Si on veut aller plus vite, les axes d’action sont assez divers :
- Il y a un enjeu majeur à orienter une partie des hommes peu qualifiés vers les métiers d’aide à la personne (actuellement ultra dominés par les femmes) et une partie des femmes qualifiées (niveaux V et IV de l’EN) vers des métiers industriels ou de maintenance (actuellement ultra dominés par les hommes). Faute de quoi, plusieurs centaines de milliers d’hommes peu qualifiés vont se retrouver au chômage et plusieurs centaines de femmes qualifiées vont devoir se tourner vers des emplois peu qualifiés d’aide à la personne. Je ne vois pas pour l’instant d’actions en ce sens, alors que le problème était évident en 2007 à la lecture de l’étude sur l’avenir des métiers et que la tendance négative est déjà largement en œuvre. La question se pose en priorité au niveau de l’orientation dans les collèges et lycées. Mais Pôle Emploi peut aussi jouer un rôle dans les reconversions.
- L’augmentation du nombre de personnes en temps de travail contraint au début des années 90 est le résultat de la politique de réduction de charges. Celle-ci a aussi eu comme résultat positif de baisser le taux de chômage des moins qualifiés. Les bons choix ne sont pas simples à définir dans ce domaine et demandent des études précises, mais l’Etat a depuis utilisé les baisses de charges à toutes les sauces avec l’effet logique qu’une multiplicité de priorités débouche sur l’absence de priorité réelle.
- Les équipes syndicales et RH doivent se mobiliser pour supprimer à terme les écarts de rémunération à emploi égal. Le meilleur outil pour cela est le rapport de situation comparée, à condition bien sûr de s’en servir correctement !
- La question des parcours de carrière interpelle à la fois les mécanismes de répartition des tâches au sein des couples, les modes de sélection dans les entreprises, la gestion du temps de travail, les représentations que se fait chacun des rôles de la femme et de l’homme, de ce que chacun veut faire de sa vie…Vaste domaine !

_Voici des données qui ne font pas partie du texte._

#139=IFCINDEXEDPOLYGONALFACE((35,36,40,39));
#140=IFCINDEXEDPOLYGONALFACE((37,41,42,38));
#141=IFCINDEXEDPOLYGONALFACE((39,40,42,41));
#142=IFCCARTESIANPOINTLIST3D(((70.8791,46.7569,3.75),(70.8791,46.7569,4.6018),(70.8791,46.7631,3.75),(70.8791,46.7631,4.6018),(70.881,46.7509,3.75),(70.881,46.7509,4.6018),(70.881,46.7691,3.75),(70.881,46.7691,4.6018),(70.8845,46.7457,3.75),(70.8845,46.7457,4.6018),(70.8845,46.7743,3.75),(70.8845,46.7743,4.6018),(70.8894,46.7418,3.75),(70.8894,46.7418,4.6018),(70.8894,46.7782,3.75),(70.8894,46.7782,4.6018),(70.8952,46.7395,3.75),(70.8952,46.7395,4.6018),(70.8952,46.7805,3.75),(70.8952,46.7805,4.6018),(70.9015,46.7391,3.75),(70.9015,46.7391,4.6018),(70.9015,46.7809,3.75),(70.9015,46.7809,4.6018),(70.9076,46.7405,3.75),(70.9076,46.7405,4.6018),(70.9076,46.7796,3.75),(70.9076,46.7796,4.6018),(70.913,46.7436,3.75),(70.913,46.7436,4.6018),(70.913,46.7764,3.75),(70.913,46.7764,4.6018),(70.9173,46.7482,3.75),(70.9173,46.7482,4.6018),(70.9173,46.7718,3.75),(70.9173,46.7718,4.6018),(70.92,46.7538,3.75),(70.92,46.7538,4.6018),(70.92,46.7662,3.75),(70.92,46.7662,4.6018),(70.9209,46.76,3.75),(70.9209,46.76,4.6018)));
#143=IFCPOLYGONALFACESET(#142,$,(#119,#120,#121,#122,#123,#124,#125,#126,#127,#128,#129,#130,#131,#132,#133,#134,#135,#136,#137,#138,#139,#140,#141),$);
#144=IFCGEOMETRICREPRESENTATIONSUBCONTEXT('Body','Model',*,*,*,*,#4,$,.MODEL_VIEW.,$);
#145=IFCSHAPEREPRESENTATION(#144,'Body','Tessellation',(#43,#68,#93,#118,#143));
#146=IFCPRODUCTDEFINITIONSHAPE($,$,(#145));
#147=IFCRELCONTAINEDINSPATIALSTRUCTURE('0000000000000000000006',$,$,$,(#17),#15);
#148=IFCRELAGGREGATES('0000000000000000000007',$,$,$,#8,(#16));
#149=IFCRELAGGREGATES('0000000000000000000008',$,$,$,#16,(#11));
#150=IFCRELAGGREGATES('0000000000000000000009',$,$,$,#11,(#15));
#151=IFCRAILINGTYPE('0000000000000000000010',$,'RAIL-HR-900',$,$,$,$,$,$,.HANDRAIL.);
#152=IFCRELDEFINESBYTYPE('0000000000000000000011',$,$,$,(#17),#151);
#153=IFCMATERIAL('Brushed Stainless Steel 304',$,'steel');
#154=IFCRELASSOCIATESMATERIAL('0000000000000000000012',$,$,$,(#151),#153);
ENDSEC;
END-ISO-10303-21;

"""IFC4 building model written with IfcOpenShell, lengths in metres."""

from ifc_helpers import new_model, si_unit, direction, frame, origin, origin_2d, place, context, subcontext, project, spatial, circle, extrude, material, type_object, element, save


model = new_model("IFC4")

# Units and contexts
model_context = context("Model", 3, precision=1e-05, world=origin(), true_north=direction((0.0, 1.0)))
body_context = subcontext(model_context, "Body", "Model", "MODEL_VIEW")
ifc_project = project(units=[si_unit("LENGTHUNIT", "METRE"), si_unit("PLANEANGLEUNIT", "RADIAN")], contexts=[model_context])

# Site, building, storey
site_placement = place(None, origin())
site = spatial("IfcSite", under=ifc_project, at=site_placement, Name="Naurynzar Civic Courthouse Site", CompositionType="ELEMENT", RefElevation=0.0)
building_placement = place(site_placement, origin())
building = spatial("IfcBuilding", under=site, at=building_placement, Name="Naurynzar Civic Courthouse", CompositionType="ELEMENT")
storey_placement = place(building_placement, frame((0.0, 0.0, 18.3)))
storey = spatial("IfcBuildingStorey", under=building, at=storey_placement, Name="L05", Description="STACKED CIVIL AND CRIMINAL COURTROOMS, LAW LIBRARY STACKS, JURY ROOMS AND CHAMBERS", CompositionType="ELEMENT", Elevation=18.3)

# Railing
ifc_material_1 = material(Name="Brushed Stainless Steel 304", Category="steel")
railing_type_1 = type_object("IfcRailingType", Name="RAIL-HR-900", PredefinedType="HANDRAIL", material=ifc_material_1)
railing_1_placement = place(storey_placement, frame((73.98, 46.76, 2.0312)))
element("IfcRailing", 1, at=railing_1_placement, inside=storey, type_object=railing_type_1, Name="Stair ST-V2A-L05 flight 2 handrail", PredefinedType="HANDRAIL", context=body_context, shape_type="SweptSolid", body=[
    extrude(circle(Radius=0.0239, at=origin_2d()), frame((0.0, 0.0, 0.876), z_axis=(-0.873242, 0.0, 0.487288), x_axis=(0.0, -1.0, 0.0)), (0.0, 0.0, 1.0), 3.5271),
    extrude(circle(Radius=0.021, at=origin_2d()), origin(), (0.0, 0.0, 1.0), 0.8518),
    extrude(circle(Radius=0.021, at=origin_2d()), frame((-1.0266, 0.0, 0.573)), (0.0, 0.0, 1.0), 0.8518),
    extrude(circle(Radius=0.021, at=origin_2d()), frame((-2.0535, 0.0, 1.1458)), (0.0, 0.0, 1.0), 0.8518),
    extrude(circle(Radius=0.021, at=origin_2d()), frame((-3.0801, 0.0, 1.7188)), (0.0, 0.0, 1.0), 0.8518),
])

Petit rappel pour aller plus loin…
Les enquêtes de discrimination à l’embauche ont montré que si les femmes sont désavantagées par rapport aux hommes, elles sont beaucoup moins discriminées que les handicapés, les minorités visibles et les seniors.
On peut imaginer que c’est la même chose en matière de rémunération (ou de progression de salaires pour les seniors). Malheureusement, dans ce domaine, les études sont plus complexes que pour les inégalités femmes hommes, et parfois même impossibles (interdiction des statistiques ethniques).

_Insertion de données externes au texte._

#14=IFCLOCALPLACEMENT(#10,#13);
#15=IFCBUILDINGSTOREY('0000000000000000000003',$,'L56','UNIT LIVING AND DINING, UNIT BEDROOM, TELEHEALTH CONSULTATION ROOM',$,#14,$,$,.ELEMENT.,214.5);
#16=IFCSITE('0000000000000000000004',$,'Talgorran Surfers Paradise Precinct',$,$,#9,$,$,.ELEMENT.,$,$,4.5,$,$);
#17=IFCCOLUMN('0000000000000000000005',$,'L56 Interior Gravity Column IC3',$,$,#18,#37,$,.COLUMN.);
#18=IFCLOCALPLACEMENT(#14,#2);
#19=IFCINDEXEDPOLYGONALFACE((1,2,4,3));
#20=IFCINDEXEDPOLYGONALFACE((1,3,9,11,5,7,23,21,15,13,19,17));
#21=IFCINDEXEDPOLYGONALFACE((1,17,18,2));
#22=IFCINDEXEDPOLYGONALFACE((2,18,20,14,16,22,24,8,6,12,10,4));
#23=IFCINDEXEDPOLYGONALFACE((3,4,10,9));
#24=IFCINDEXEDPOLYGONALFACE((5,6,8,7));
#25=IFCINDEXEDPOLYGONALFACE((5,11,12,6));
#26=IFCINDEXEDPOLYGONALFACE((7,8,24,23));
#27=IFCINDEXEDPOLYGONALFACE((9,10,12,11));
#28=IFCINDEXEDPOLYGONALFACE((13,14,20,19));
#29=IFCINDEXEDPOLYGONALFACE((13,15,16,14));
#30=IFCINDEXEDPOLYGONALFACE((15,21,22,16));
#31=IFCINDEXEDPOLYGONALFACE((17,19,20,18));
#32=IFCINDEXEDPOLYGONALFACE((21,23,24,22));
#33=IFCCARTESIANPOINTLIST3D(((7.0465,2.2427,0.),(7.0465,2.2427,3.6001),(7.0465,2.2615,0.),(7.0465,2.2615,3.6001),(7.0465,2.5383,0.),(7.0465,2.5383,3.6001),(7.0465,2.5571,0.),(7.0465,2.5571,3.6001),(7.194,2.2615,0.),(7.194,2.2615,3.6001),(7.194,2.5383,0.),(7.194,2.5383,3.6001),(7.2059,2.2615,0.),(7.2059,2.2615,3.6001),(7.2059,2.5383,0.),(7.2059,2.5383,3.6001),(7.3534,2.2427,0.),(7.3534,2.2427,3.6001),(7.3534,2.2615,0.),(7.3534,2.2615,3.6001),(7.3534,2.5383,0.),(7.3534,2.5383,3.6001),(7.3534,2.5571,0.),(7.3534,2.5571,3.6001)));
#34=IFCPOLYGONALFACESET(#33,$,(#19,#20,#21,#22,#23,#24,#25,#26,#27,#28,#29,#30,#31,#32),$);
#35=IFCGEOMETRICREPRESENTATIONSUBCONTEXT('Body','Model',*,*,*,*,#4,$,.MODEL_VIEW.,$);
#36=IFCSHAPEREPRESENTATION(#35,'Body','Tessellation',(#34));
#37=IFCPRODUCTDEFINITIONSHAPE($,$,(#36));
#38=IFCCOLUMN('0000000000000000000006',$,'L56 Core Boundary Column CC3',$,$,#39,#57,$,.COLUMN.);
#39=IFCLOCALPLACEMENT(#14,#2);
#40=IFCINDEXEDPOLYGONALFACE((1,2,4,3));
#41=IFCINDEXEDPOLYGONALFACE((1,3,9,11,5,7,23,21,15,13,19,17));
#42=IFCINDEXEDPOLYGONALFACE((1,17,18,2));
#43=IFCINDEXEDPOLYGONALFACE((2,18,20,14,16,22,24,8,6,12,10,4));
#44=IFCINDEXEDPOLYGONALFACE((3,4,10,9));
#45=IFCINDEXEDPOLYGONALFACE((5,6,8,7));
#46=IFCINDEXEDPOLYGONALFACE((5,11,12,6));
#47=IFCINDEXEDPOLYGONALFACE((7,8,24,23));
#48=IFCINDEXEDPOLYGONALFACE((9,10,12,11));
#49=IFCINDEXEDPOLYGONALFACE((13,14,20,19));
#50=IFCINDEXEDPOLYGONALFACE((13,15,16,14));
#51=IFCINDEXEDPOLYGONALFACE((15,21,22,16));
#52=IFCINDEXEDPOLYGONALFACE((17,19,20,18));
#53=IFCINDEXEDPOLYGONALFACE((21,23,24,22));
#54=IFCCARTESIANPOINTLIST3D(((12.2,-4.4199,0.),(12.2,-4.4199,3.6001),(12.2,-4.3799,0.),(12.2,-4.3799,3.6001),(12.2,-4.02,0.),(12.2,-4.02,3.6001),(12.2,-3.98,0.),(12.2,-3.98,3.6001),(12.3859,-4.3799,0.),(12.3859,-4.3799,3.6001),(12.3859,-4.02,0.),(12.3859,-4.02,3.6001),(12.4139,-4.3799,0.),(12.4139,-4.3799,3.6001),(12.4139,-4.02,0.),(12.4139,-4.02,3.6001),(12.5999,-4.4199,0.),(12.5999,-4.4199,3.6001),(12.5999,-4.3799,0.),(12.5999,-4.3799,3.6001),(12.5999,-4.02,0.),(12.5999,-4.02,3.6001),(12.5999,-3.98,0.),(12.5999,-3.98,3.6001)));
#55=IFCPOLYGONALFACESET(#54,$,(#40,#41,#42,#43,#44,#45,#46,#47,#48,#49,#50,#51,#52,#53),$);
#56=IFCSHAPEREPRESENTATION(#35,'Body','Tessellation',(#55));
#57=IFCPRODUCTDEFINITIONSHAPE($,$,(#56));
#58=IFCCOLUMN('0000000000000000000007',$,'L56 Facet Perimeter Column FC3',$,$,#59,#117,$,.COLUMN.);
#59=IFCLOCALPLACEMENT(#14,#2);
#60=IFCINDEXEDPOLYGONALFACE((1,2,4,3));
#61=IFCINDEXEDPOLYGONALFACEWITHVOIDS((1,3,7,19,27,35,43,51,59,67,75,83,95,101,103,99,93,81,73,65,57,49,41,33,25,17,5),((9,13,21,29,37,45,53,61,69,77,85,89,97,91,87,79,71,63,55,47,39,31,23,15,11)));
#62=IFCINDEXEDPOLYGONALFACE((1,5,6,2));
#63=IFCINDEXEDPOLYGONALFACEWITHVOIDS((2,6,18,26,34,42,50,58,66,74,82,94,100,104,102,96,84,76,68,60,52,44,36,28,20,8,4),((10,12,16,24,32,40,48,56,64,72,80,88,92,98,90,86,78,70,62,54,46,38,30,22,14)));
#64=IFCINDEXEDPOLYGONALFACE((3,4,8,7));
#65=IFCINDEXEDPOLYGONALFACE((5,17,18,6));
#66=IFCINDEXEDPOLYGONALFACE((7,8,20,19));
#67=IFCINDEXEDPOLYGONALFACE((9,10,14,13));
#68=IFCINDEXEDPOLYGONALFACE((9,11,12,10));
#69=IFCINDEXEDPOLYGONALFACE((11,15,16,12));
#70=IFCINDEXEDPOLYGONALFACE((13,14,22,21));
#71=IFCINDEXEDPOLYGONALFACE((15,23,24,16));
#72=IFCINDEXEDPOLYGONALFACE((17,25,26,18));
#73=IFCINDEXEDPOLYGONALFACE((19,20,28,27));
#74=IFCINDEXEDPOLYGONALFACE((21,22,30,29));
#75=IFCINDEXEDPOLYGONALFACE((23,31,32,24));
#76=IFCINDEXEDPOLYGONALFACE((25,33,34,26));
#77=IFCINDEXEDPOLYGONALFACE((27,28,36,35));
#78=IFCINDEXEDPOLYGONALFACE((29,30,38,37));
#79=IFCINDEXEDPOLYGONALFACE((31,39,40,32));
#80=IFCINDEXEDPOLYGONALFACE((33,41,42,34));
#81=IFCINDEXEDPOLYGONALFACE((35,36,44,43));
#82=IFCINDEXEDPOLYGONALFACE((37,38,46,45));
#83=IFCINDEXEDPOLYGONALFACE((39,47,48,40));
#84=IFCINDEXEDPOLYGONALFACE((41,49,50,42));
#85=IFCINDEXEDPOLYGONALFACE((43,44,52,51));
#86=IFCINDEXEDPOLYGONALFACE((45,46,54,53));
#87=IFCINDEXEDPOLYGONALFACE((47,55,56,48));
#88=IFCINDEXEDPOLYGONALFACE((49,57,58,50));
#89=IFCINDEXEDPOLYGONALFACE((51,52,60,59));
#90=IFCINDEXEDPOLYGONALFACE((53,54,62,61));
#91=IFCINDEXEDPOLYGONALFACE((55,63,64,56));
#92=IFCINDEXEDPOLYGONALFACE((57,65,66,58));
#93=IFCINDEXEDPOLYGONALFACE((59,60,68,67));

Dans son portrait social 2010, l’INSEE publiait une étude sur le taux d’emploi selon l’origine des parents. L’étude montrait un écart énorme (21 points) entre l’emploi des Français descendants directs d’immigrés du Maghreb et les autres. Les différences de diplôme n’expliquaient qu’un tiers de l’écart. Celui-ci était plus faible en cas de tension dans l’emploi, ce qu’on peut traduire par « les employeurs prennent des salariés d’origine maghrébine quand ils n’ont pas le choix, dans le contraire, ils évitent souvent de le faire ».